Mustakim menuturkan, saat itu kondisi ke-22 nelayan yang sempat terombang ambing di tengah lautan selamat dan tidak ada satu pun korban jiwa. "Semua nelayan tersebut saat itu diselamatkan oleh KM Osam Tiger milik Camar Resourses Canada, perusahaan pengeboran minyak lepas Pantai Bawean sekitar pukul 12 malam.

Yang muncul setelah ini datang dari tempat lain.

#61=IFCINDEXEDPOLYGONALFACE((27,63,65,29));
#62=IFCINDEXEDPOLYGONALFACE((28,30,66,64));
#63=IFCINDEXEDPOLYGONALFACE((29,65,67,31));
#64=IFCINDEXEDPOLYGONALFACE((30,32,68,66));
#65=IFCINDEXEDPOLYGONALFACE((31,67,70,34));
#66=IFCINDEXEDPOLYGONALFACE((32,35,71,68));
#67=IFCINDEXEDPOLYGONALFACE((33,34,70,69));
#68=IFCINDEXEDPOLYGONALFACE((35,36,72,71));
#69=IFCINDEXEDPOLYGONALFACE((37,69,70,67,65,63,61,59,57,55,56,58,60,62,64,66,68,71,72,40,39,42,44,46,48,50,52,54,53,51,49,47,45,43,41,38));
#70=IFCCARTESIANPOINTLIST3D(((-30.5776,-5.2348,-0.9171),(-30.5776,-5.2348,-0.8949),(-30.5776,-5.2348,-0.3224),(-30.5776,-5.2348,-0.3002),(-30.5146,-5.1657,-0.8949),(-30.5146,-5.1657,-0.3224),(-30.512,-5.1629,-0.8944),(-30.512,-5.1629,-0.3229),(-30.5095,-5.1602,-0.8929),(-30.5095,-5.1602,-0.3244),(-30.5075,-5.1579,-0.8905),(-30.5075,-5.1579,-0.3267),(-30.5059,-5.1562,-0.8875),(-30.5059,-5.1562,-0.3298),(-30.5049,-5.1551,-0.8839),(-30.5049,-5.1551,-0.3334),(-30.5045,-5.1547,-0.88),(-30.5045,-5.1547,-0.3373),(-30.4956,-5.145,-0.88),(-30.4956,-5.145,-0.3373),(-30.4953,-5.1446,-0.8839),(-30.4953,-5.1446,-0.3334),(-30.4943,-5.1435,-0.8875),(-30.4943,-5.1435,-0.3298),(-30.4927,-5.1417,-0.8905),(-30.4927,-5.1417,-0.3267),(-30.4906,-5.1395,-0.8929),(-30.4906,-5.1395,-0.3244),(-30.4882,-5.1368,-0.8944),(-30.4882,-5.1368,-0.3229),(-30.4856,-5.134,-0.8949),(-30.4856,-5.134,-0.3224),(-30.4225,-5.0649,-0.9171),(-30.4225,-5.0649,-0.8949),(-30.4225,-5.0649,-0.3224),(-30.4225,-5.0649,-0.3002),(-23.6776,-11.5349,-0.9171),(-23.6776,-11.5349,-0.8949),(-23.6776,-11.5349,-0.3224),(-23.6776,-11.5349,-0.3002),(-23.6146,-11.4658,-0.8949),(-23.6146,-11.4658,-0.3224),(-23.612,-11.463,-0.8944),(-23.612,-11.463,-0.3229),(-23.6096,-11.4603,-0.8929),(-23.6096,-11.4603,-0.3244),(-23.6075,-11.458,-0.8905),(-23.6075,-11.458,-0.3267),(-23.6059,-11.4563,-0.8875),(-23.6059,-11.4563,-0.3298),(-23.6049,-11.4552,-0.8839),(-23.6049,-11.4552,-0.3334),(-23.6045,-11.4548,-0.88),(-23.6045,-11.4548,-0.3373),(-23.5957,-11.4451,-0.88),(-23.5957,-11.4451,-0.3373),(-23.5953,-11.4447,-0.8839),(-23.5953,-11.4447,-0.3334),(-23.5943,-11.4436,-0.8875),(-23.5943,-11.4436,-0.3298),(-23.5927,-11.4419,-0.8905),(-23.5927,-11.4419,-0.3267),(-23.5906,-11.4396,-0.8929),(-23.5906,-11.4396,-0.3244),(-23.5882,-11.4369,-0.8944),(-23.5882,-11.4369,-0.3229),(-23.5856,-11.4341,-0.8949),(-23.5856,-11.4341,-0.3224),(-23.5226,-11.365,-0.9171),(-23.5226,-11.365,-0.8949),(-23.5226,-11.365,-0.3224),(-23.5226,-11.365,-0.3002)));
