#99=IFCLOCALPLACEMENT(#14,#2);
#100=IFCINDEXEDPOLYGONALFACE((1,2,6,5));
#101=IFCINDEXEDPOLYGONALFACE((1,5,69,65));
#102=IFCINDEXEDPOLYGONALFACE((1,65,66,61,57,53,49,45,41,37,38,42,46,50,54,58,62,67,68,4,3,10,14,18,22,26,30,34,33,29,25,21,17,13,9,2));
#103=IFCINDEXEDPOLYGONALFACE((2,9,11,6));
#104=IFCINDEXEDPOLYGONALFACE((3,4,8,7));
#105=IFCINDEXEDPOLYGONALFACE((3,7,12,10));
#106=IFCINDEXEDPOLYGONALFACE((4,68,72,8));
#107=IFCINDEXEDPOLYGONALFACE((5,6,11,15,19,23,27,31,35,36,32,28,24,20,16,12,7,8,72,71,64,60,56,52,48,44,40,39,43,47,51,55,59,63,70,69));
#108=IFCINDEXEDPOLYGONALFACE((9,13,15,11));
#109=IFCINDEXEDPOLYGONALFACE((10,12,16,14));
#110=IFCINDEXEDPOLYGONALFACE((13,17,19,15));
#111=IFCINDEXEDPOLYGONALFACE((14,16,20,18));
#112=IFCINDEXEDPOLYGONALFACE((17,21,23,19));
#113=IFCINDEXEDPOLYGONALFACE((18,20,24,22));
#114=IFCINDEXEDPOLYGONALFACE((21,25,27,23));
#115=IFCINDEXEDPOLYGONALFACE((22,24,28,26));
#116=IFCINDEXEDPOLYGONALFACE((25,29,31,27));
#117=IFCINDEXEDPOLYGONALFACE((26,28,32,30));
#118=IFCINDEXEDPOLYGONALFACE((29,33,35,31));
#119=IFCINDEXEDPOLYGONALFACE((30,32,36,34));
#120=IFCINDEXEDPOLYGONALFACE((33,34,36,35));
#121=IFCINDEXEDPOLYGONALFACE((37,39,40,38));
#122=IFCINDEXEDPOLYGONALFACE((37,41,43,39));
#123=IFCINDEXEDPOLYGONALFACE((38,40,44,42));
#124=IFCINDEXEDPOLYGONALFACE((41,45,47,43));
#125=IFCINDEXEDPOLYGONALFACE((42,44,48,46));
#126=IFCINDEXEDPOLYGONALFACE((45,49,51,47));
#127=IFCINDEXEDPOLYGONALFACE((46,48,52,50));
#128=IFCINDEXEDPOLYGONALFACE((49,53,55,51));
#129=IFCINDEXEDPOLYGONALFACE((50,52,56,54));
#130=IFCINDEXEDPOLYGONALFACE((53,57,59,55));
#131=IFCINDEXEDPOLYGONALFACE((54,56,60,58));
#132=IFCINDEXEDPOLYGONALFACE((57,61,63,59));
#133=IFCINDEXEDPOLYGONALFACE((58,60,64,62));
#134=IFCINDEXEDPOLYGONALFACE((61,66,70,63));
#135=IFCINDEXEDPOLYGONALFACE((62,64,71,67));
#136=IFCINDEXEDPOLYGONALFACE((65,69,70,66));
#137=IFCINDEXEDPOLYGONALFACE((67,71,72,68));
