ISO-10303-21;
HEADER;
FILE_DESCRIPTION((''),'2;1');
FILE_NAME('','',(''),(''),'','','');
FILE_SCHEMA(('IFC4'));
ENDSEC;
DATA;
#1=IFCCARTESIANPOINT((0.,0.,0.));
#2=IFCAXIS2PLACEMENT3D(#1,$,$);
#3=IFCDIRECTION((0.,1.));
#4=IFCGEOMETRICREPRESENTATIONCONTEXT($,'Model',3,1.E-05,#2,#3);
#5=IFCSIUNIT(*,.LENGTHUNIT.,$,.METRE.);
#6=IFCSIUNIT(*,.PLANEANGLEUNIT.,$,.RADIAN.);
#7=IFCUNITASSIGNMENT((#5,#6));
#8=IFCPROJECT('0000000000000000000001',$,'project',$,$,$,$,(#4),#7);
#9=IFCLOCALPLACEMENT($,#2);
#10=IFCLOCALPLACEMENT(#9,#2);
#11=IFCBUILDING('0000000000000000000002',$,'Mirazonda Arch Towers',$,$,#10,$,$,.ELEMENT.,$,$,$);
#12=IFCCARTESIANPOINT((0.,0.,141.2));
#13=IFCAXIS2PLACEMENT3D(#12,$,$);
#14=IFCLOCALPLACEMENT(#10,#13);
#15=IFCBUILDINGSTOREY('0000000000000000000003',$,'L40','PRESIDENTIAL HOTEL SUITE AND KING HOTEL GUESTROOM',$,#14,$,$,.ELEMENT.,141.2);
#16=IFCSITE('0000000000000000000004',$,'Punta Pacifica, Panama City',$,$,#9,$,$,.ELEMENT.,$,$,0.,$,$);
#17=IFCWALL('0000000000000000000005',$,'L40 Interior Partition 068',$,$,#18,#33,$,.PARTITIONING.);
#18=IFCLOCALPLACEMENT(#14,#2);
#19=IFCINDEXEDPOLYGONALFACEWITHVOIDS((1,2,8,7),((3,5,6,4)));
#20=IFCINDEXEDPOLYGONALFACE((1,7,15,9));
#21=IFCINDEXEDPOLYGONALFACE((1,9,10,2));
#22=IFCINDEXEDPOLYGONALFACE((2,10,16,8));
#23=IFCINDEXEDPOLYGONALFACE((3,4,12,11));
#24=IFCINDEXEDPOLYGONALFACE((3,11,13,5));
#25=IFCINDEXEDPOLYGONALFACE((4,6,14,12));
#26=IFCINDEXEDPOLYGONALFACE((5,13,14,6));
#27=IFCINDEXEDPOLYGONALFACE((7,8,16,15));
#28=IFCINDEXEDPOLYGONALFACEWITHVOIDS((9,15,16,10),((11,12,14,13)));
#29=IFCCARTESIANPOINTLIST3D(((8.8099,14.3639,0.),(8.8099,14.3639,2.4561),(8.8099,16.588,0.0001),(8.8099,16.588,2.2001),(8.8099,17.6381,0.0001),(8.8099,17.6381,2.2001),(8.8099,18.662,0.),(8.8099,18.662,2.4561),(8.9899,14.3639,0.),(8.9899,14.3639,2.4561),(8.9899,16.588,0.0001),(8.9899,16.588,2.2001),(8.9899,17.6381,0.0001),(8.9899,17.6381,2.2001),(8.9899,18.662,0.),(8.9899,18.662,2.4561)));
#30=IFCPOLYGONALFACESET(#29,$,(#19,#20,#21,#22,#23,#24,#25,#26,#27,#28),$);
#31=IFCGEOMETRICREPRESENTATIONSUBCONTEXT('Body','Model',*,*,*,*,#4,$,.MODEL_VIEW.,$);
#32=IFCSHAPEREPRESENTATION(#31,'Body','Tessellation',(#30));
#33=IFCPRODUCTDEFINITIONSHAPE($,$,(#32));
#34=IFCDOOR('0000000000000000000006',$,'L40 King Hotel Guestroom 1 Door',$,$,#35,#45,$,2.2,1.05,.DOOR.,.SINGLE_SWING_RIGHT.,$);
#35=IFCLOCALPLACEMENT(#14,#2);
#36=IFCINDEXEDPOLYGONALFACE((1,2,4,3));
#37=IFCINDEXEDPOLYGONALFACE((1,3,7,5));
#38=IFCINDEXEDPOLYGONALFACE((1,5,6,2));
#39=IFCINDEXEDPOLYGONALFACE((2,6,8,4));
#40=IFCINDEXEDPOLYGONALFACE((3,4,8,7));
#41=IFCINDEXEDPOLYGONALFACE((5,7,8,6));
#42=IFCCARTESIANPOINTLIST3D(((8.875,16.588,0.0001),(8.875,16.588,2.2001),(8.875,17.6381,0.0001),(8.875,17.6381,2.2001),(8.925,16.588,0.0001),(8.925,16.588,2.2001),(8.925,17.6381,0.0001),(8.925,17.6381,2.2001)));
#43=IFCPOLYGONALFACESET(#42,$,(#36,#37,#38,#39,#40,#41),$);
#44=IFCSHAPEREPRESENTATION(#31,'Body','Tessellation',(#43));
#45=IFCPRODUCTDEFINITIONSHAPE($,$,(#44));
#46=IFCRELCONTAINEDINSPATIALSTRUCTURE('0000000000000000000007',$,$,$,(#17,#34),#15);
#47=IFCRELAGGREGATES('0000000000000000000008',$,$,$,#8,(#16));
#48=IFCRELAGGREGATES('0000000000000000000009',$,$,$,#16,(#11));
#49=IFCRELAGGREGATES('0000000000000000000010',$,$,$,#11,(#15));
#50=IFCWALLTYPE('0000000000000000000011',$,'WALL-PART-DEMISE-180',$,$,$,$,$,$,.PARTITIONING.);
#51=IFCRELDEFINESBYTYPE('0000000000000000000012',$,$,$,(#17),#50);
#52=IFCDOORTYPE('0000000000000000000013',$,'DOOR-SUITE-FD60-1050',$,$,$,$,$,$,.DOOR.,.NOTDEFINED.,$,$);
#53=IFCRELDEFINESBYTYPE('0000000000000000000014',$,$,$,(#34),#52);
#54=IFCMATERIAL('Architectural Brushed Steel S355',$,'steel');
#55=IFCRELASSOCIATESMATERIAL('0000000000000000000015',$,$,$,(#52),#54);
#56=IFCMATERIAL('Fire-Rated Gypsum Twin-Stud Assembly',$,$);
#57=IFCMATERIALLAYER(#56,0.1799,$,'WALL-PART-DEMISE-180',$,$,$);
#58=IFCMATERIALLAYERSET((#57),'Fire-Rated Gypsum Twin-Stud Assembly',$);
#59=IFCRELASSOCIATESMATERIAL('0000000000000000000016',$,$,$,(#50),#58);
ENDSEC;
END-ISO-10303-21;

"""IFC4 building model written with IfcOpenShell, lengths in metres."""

from ifc_helpers import new_model, si_unit, direction, frame, frame_2d, origin, place, context, subcontext, project, spatial, rectangle, extrude, material, layer, layer_set, type_object, element, fill, save


model = new_model("IFC4")

# Units and contexts
model_context = context("Model", 3, precision=1e-05, world=origin(), true_north=direction((0.0, 1.0)))
body_context = subcontext(model_context, "Body", "Model", "MODEL_VIEW")
ifc_project = project(units=[si_unit("LENGTHUNIT", "METRE"), si_unit("PLANEANGLEUNIT", "RADIAN")], contexts=[model_context])

# Site, building, storey
site_placement = place(None, origin())
site = spatial("IfcSite", under=ifc_project, at=site_placement, Name="Punta Pacifica, Panama City", CompositionType="ELEMENT", RefElevation=0.0)
building_placement = place(site_placement, origin())
building = spatial("IfcBuilding", under=site, at=building_placement, Name="Mirazonda Arch Towers", CompositionType="ELEMENT")
storey_placement = place(building_placement, frame((0.0, 0.0, 141.2)))
storey = spatial("IfcBuildingStorey", under=building, at=storey_placement, Name="L40", Description="PRESIDENTIAL HOTEL SUITE AND KING HOTEL GUESTROOM", CompositionType="ELEMENT", Elevation=141.2)

# Shared definitions
ifc_material_1 = material(Name="Architectural Brushed Steel S355", Category="steel")
door_type_1 = type_object("IfcDoorType", Name="DOOR-SUITE-FD60-1050", OperationType="NOTDEFINED", PredefinedType="DOOR", material=ifc_material_1)

# Shared definitions
ifc_material_2 = material(Name="Fire-Rated Gypsum Twin-Stud Assembly")
ifc_layer_1 = layer(ifc_material_2, 0.1799, Name="WALL-PART-DEMISE-180")
ifc_layer_set_1 = layer_set([ifc_layer_1], Name="Fire-Rated Gypsum Twin-Stud Assembly")
wall_type_1 = type_object("IfcWallType", Name="WALL-PART-DEMISE-180", PredefinedType="PARTITIONING", material=ifc_layer_set_1)

# Wall, opening, door
wall_1_placement = place(storey_placement, frame((8.8999, 14.364, 0.0), z_axis=(0.0, 0.0, 1.0), x_axis=(0.0, 1.0, 0.0)))
wall_1 = element("IfcWall", 1, at=wall_1_placement, inside=storey, type_object=wall_type_1, Name="L40 Interior Partition 068", PredefinedType="PARTITIONING", context=body_context, shape_type="SweptSolid", body=[
    extrude(rectangle(XDim=4.2981, YDim=0.1799, at=frame_2d((2.1489, 0.0))), origin(), (0.0, 0.0, 1.0), 2.4561),
])
opening_1_placement = place(wall_1_placement, frame((2.2241, 0.0, 0.0)))
opening_1 = element("IfcOpeningElement", 2, at=opening_1_placement, cuts=wall_1, PredefinedType="OPENING", context=body_context, shape_type="SweptSolid", body=[
    extrude(rectangle(XDim=1.05, YDim=2.2, at=frame_2d((0.5249, 1.1001))), frame((0.0, 0.0999, 0.0), z_axis=(0.0, -1.0, 0.0), x_axis=(1.0, 0.0, 0.0)), (0.0, 0.0, 1.0), 0.2),
])
door_1_placement = place(opening_1_placement, origin())
door_1 = element("IfcDoor", 3, at=door_1_placement, inside=storey, type_object=door_type_1, Name="L40 King Hotel Guestroom 1 Door", OperationType="SINGLE_SWING_RIGHT", OverallHeight=2.2, OverallWidth=1.05, PredefinedType="DOOR", context=body_context, shape_type="SweptSolid", body=[
    extrude(rectangle(XDim=1.05, YDim=2.2, at=frame_2d((0.5249, 1.1001))), frame((0.0, 0.0249, 0.0), z_axis=(0.0, -1.0, 0.0), x_axis=(1.0, 0.0, 0.0)), (0.0, 0.0, 1.0), 0.05),
])
fill(opening_1, door_1)

save(model, "model.ifc")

Dan saat ini berada di pengeboran lepas pantai milik Camar Resourses Canada yang ada di sebelah utara Pulau Madura," ungkapnya.
Kapal yang terkena hantaman ombak besar dan angin kencang itu menurut Mustakim sudah dalam perjalanan pulang ke Lamongan setelah sempat 5 hari melaut untuk mencari ikan. "Mereka sudah mendapatkan ikan sebanyak kurang lebih 5 ton ikan dan berniat untuk pulang," terangnya seraya mengatakan kalau kapal Nelayan jening porsen itu adalah milik Sujito, warga Keluarahan Blimbing, Kecamatan Brondong.
Mengenai identitas ke-22 nelayan tersebut, Mustakim belum mengetahui dengan pasti, hanya saja diketahui kalau sebagian nelayan tersebut adalah warga Blimbing, Kecamatan Brondong Lamongan. "Yang terpenting semua nelayan itu tidak ada yang menjadi korban dengan luka-luka yang serius," ungkapnya.
Mengenai upaya pemulangan ke-22 nelyan tersebut, Mustakim menuturkan kalau siang ini para nelayan akan dijemput oleh Dinas Perikanan dan Kelautan di Tanjung Perak Surabaya. "Jam 4 nanti para nelayan ini akan diikutkan kapal milik Camar Resources Canada yang akan berlabuh di Tanjung perak dari pengeboran lepas pantai Pulau Madura," jelas Mustakim. (bdh/bdh)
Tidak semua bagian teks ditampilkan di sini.